Extensions
Extensions are central to the success of AsciiDoc because they open up the language to new use cases. Asciidoctor provides an extension API that offers a superset of extension points. As a result, extensions in Asciidoctor are easy to write, powerful, and simple to distribute.
Asciidoctor also allows extensions to be written using the full power of a programming language (whether it be Ruby, Java, Groovy or JavaScript). You don’t have to shave yaks to get the functionality you want, and you can distribute the extension using defacto-standard packaging mechanisms like RubyGems or JARs.
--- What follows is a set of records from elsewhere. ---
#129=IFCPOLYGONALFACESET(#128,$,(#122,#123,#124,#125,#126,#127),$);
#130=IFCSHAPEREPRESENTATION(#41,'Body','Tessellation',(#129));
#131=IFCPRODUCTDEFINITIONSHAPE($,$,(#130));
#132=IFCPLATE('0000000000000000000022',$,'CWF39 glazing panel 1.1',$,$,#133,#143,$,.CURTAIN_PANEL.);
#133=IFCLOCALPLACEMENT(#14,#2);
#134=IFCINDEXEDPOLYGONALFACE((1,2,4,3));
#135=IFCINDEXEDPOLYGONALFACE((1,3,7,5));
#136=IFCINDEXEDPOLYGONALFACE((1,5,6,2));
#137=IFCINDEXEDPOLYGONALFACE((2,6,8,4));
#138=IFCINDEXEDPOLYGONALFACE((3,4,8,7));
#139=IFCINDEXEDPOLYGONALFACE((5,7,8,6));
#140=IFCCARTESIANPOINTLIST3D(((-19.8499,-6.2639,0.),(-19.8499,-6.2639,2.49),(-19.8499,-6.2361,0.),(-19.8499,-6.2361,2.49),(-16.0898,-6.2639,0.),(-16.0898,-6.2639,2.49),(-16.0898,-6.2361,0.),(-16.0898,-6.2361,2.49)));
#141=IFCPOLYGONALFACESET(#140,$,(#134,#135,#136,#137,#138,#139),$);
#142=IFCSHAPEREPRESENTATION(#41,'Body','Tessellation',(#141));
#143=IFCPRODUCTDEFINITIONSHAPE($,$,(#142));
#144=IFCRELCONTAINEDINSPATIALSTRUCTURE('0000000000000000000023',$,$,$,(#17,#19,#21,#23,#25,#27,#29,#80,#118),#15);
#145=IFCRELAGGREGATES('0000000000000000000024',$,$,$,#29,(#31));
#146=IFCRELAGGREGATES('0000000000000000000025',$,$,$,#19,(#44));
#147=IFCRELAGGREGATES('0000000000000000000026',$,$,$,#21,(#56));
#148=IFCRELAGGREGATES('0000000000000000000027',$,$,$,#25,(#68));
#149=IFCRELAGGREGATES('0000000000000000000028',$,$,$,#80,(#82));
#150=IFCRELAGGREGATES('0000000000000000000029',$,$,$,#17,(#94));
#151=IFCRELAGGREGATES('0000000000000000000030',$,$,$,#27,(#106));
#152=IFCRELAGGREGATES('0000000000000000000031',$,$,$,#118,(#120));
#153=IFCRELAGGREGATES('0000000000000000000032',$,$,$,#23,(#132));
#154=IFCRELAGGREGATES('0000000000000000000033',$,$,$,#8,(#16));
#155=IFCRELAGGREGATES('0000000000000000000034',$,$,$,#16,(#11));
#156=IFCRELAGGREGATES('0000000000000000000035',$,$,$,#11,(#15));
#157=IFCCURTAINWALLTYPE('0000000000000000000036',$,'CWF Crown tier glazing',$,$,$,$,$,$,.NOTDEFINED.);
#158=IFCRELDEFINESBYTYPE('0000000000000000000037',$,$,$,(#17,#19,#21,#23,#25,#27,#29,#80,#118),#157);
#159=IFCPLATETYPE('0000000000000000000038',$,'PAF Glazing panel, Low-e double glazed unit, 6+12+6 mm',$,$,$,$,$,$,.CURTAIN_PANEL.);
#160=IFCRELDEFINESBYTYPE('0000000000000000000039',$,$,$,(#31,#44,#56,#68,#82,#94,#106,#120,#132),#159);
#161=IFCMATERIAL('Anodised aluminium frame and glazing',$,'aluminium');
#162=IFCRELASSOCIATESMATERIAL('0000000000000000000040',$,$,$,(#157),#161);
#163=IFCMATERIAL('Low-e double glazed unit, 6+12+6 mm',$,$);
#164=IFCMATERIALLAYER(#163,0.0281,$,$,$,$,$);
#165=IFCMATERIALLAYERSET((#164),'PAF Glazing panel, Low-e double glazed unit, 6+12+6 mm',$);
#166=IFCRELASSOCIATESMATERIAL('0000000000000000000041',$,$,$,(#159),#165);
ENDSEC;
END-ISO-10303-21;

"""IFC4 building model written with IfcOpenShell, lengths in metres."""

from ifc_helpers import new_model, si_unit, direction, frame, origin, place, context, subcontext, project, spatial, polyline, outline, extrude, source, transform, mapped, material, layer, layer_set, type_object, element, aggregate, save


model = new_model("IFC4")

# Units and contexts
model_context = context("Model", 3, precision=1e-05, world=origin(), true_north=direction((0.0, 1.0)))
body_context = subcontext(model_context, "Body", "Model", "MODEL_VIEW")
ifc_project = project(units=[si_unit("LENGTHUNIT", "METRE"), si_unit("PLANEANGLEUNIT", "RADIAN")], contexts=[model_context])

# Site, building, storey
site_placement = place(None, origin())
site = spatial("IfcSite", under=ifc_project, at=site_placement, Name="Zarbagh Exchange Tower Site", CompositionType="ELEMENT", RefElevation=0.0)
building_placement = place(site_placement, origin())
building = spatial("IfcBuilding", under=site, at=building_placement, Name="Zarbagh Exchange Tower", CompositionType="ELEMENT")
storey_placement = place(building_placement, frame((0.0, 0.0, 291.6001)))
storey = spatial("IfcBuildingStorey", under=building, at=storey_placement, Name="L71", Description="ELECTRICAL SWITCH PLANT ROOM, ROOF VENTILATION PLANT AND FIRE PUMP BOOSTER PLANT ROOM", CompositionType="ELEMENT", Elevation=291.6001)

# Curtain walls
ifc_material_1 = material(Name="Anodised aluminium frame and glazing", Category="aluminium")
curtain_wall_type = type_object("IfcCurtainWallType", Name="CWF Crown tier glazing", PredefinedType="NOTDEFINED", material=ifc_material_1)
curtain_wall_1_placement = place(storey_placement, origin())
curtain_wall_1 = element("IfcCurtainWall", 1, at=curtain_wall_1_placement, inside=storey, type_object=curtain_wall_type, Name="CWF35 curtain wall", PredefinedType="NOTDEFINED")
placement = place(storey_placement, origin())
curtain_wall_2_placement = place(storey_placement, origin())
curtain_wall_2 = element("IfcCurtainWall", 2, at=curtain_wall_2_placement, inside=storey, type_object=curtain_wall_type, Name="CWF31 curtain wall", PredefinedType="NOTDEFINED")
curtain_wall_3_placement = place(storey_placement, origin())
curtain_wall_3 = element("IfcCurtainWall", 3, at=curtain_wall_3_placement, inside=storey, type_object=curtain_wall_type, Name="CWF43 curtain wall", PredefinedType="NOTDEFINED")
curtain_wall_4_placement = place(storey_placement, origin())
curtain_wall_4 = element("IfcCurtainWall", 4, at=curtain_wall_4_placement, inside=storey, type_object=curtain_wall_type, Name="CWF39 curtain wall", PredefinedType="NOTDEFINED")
Available extension points
Asciidoctor provides the following extension points:
- Preprocessor
-
Processes the raw source lines before they are passed to the parser. See Preprocessor Extension Example.
- Tree processor
-
Processes the Asciidoctor::Document (AST) once parsing is complete. See Tree Processor Extension Example.
- Postprocessor
-
Processes the output after the document has been converted, but before it’s written to disk. See Postprocessor Extension Example.
- Docinfo Processor
-
Adds additional content to the header or footer regions of the generated document. See Docinfo Processor Extension Example.
- Block processor
-
Processes a block of content marked with a custom block style (i.e.,
[custom]
). (similar to an AsciiDoc filter) See Block Processor Extension Example. - Compound block processor
-
Register a custom block named
collapsible
that transforms a listing block into a compound block. See Compound Block Processor Example. - Block macro processor
-
Registers a custom block macro and processes it (e.g.,
gist::12345[]
). See Block Macro Processor Extension Example. - Inline macro processor
-
Registers a custom inline macro and processes it (e.g.,
Save
). See Inline Macro Processor Extension Example. - Include processor
-
Processes the
include::<filename>[]
directive. See Include Processor Extension Example.
There are additional extension examples in the Asciidoctor extensions lab.